# Tacos: soft or hard shell?



## ucla695 (Jun 27, 2006)

Mexican food is one of my favorite food groups. Ok I know it's not a food group, but it might as well be because I eat a LOT of it. I love everything about it.....refried beans, carnitas, carne asada, rice, salsa, etc...I'm making myself hungry just thinking about it. :dr One of my favorite Mexican food treats is the taco. I enjoy them in all forms (soft, hard shell, make your own, deconstructed, on pizza ), but I definitely eat more soft tacos than I do hard. One of my favorite places in L.A. has some killer salsa roja, the type that will make you sweat a little and raise your pulse a bit, and they only sell soft tacos. To me, tacos are only as good as the meat, shell/tortilla AND salsa. If any of the aforementioned ingredients are lacking, the taco's a bust. Anyway, just wondering where everyone stands on this important issue. 

BTW - corn tortillas for me.


----------



## ashmaster (Oct 10, 2008)

Being from Cali, I grew up on Mexican food and really have found no equal.
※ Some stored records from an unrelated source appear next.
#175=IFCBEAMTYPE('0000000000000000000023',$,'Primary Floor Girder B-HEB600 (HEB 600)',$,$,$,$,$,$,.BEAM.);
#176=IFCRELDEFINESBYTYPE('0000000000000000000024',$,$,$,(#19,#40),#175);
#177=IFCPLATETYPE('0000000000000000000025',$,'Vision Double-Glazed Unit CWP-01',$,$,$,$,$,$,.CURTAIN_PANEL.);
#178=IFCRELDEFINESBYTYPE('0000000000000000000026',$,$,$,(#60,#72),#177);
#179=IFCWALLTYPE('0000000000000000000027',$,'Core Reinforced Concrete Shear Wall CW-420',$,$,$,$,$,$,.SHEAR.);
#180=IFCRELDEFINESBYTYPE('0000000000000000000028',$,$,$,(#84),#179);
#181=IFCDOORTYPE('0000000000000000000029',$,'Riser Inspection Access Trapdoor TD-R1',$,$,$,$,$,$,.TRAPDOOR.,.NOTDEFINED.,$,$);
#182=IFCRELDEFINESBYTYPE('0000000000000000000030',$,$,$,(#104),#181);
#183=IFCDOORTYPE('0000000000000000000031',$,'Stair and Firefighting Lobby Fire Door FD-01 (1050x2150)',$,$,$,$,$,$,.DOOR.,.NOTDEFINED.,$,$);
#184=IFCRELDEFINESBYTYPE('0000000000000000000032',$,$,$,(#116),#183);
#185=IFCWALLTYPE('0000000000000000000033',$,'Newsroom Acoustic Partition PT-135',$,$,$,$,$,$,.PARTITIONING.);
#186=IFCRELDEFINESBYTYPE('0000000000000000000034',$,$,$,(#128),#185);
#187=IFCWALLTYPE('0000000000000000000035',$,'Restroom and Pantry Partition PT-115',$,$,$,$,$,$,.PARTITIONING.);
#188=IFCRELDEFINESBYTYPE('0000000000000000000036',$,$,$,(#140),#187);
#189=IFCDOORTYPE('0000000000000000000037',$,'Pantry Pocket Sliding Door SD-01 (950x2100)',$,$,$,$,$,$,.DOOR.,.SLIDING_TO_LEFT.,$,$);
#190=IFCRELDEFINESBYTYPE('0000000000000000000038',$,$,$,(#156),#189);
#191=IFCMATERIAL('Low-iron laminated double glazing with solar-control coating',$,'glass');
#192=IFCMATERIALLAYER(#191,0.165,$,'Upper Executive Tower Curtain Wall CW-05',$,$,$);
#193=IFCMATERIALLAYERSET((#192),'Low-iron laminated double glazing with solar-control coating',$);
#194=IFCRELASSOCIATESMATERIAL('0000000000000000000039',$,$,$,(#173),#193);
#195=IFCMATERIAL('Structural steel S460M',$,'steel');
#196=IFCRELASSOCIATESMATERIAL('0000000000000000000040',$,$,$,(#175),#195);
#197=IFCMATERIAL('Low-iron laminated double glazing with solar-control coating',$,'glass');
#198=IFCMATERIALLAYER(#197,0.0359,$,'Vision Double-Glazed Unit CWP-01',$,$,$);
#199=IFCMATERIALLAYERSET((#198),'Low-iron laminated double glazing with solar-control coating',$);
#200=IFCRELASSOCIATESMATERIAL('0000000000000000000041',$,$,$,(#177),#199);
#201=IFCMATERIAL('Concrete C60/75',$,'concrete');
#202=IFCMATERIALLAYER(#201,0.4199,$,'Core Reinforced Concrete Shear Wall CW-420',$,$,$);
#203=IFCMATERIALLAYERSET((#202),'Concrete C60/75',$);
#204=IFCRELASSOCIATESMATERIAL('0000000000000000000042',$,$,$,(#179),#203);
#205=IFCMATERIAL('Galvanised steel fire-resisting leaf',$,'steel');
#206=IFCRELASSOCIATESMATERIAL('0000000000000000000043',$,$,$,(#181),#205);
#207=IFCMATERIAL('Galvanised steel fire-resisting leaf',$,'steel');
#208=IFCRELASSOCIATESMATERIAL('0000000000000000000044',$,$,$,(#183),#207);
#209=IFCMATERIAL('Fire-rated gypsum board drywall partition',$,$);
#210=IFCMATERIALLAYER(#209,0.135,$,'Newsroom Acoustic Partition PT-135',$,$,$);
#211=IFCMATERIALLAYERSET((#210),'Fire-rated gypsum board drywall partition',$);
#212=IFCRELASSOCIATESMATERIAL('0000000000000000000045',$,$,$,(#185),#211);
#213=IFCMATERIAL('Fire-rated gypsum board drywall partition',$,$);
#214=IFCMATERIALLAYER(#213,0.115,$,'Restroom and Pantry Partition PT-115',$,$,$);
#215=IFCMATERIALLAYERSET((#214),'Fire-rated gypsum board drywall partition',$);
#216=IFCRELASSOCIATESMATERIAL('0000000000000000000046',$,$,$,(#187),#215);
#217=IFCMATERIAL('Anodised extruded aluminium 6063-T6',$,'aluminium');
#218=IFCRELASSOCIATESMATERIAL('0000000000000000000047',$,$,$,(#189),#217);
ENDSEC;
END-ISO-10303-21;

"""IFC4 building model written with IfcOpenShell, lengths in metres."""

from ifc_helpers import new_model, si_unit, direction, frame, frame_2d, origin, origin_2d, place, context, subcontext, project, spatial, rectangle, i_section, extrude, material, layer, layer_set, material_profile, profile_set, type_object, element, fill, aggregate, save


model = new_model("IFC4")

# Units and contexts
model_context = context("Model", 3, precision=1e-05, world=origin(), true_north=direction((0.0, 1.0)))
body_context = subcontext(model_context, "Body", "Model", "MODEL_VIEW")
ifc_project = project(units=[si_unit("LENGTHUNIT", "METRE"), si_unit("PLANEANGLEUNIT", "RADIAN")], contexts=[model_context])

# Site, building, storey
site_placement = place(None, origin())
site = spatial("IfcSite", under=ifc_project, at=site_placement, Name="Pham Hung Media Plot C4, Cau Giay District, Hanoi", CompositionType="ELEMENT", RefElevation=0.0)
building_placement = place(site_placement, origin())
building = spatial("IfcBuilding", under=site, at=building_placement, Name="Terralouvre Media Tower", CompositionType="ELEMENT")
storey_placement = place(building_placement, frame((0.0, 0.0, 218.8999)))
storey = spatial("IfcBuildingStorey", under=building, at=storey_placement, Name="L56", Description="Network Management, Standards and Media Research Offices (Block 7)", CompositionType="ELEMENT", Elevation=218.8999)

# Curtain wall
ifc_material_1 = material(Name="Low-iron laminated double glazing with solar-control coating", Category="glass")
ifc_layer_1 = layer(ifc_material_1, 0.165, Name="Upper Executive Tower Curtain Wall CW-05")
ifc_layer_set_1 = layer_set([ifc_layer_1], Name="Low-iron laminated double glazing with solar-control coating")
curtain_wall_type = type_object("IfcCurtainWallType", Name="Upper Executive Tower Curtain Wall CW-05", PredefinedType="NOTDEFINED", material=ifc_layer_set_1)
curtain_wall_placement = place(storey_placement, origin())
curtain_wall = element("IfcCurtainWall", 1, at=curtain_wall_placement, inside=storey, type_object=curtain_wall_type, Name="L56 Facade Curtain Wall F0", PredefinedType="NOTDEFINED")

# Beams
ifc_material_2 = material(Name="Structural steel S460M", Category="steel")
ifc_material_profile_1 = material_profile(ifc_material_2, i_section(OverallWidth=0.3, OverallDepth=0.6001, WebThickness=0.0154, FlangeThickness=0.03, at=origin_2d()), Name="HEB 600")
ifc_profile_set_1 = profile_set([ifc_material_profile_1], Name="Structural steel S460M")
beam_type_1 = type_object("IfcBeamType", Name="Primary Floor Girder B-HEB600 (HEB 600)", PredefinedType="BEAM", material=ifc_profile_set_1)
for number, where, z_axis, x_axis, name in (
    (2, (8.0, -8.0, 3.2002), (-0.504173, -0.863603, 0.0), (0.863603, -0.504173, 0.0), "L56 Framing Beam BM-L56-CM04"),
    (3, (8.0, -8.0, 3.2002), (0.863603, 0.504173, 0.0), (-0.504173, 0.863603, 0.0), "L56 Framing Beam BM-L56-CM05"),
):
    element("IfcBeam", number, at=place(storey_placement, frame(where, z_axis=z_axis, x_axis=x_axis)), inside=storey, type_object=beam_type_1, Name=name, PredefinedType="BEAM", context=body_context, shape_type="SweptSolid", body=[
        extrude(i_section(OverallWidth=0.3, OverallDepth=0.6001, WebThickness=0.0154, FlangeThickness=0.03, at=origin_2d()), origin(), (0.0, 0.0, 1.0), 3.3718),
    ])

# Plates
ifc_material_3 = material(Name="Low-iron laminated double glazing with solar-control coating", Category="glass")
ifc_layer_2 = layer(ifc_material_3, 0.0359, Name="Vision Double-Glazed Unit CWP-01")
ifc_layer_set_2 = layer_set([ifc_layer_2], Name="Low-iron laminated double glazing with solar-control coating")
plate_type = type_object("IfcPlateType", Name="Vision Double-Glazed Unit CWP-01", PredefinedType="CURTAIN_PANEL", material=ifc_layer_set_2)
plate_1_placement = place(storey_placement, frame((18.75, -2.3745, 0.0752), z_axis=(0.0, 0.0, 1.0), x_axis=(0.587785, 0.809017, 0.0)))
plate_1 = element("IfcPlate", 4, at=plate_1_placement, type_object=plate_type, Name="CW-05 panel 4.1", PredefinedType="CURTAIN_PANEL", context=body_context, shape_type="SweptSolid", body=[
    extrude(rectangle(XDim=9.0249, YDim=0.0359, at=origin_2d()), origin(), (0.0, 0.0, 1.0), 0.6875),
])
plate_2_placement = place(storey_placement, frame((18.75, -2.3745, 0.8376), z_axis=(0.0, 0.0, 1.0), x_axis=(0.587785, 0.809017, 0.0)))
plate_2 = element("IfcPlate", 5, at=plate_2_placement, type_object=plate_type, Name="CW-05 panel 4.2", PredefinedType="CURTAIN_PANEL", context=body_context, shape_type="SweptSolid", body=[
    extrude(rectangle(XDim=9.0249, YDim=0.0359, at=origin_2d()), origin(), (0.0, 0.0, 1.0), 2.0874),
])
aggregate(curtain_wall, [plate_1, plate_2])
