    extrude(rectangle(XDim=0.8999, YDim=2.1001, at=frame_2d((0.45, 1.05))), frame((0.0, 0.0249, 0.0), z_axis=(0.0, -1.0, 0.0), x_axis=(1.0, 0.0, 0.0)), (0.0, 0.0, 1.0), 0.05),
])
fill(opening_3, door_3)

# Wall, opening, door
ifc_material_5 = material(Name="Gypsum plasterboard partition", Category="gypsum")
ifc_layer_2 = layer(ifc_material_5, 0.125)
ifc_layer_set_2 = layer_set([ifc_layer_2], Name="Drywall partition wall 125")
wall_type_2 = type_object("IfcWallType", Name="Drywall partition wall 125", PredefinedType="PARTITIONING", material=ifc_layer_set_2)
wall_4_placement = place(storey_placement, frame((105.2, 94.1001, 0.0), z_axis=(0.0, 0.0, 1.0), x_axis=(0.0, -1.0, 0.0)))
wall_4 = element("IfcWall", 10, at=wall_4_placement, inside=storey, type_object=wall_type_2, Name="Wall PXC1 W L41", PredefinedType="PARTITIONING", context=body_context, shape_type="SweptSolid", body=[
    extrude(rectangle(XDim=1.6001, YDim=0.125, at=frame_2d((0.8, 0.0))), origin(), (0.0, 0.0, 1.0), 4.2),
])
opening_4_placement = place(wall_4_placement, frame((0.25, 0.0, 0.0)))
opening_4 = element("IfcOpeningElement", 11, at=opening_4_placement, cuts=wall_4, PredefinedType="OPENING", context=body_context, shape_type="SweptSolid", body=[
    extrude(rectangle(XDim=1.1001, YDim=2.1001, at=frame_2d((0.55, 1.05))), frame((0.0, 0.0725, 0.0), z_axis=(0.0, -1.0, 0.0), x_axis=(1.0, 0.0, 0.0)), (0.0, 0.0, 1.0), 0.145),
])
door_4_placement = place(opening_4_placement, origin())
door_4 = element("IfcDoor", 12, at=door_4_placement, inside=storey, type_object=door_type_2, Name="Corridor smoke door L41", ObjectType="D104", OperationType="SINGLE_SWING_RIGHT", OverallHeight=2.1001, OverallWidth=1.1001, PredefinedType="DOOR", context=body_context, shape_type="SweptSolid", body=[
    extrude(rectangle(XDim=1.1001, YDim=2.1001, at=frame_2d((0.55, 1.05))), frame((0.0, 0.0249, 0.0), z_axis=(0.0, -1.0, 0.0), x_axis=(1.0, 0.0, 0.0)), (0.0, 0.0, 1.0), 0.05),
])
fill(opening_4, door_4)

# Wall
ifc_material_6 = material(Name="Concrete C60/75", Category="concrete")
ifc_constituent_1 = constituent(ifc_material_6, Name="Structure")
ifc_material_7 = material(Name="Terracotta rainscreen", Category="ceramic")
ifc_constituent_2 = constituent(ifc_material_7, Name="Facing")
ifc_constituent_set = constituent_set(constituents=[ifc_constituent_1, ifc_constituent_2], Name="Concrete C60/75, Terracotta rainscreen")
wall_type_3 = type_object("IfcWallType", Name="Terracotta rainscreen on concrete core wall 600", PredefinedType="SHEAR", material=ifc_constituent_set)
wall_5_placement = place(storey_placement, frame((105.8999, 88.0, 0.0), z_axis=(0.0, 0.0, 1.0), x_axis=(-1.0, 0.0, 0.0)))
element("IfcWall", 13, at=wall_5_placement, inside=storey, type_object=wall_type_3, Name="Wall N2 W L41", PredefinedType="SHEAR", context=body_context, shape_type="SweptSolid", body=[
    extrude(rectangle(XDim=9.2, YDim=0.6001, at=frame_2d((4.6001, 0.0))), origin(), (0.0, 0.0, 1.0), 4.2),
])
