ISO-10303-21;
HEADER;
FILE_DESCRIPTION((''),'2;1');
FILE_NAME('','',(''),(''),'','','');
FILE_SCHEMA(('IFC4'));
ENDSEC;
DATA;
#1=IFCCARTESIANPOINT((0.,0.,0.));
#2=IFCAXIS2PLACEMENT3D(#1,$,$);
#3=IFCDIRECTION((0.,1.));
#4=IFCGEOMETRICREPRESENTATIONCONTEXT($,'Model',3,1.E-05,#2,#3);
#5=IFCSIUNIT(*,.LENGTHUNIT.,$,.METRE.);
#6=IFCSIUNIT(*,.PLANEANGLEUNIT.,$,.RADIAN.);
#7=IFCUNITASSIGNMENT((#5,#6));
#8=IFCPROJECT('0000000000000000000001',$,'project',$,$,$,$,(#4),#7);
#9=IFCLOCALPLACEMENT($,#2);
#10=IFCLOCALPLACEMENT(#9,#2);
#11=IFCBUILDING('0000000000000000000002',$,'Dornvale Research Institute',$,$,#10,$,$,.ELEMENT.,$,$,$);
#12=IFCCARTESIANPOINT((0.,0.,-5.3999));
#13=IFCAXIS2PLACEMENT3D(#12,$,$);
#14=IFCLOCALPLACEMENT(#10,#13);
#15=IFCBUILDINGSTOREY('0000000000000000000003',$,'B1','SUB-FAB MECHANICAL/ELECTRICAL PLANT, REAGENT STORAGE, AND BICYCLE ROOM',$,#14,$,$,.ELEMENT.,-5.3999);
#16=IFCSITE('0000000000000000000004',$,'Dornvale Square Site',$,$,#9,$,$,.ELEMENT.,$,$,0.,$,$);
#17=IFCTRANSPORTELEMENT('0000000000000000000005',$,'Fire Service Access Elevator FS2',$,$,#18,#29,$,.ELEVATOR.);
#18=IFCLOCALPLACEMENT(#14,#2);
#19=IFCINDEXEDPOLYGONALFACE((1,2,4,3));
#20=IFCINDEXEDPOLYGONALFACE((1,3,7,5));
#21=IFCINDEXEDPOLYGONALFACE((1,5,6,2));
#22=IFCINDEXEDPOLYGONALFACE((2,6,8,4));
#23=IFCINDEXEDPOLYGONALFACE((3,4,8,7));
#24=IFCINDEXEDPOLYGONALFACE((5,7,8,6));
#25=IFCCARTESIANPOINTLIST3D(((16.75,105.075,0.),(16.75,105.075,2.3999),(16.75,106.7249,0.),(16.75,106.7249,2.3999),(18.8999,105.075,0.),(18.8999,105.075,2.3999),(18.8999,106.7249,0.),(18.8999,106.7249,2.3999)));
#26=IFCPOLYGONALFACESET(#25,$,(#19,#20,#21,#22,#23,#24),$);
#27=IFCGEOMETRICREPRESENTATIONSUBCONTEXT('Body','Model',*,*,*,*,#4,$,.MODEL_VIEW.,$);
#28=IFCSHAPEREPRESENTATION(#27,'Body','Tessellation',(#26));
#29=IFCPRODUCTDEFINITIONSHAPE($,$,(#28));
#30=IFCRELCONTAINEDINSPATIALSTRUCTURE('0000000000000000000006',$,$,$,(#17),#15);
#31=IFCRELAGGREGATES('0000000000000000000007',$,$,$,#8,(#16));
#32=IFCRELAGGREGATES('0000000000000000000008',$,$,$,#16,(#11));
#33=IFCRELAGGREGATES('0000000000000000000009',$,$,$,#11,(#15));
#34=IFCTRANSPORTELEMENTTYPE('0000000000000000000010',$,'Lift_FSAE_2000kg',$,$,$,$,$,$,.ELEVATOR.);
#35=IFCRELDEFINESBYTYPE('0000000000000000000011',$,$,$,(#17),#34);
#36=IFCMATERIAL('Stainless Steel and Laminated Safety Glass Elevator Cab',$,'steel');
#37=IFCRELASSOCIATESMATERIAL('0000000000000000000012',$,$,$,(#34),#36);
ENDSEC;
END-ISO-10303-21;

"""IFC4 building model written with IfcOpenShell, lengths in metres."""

from ifc_helpers import new_model, si_unit, direction, frame, origin, origin_2d, place, context, subcontext, project, spatial, rectangle, extrude, material, type_object, element, save


model = new_model("IFC4")

# Units and contexts
model_context = context("Model", 3, precision=1e-05, world=origin(), true_north=direction((0.0, 1.0)))
body_context = subcontext(model_context, "Body", "Model", "MODEL_VIEW")
ifc_project = project(units=[si_unit("LENGTHUNIT", "METRE"), si_unit("PLANEANGLEUNIT", "RADIAN")], contexts=[model_context])

# Site, building, storey
site_placement = place(None, origin())
site = spatial("IfcSite", under=ifc_project, at=site_placement, Name="Dornvale Square Site", CompositionType="ELEMENT", RefElevation=0.0)
building_placement = place(site_placement, origin())
building = spatial("IfcBuilding", under=site, at=building_placement, Name="Dornvale Research Institute", CompositionType="ELEMENT")
storey_placement = place(building_placement, frame((0.0, 0.0, -5.3999)))
storey = spatial("IfcBuildingStorey", under=building, at=storey_placement, Name="B1", Description="SUB-FAB MECHANICAL/ELECTRICAL PLANT, REAGENT STORAGE, AND BICYCLE ROOM", CompositionType="ELEMENT", Elevation=-5.3999)

# Transport element
ifc_material_1 = material(Name="Stainless Steel and Laminated Safety Glass Elevator Cab", Category="steel")
transport_element_type = type_object("IfcTransportElementType", Name="Lift_FSAE_2000kg", PredefinedType="ELEVATOR", material=ifc_material_1)
for number, where, z_axis, x_axis, name in (
    (1, (17.825, 105.8999, 0.0), (0.0, 0.0, 1.0), (1.0, 0.0, 0.0), "Fire Service Access Elevator FS2"),
):
    element("IfcTransportElement", number, at=place(storey_placement, frame(where, z_axis=z_axis, x_axis=x_axis)), inside=storey, type_object=transport_element_type, Name=name, PredefinedType="ELEVATOR", context=body_context, shape_type="SweptSolid", body=[
        extrude(rectangle(XDim=2.1499, YDim=1.6499, at=origin_2d()), origin(), (0.0, 0.0, 1.0), 2.3999),
    ])

save(model, "model.ifc")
It is my favorite "food group". All that good stuff; the homemade corn tortillas, Chile Rellenos, Choriza and eggs, tamales, Chile Verda (pork or chicken), and yes the "fire" sauce, just to name a few. I definately miss it.

Every time I go home I absolutely eat my share (my family don't like it for reasons untold), but I do!!!!


----------



## mrreindeer (Sep 4, 2008)

ashmaster said:


> I definately miss it.
> 
> Every time I go home I absolutely eat my share (my family don't like it for reasons untold), but I do!!!!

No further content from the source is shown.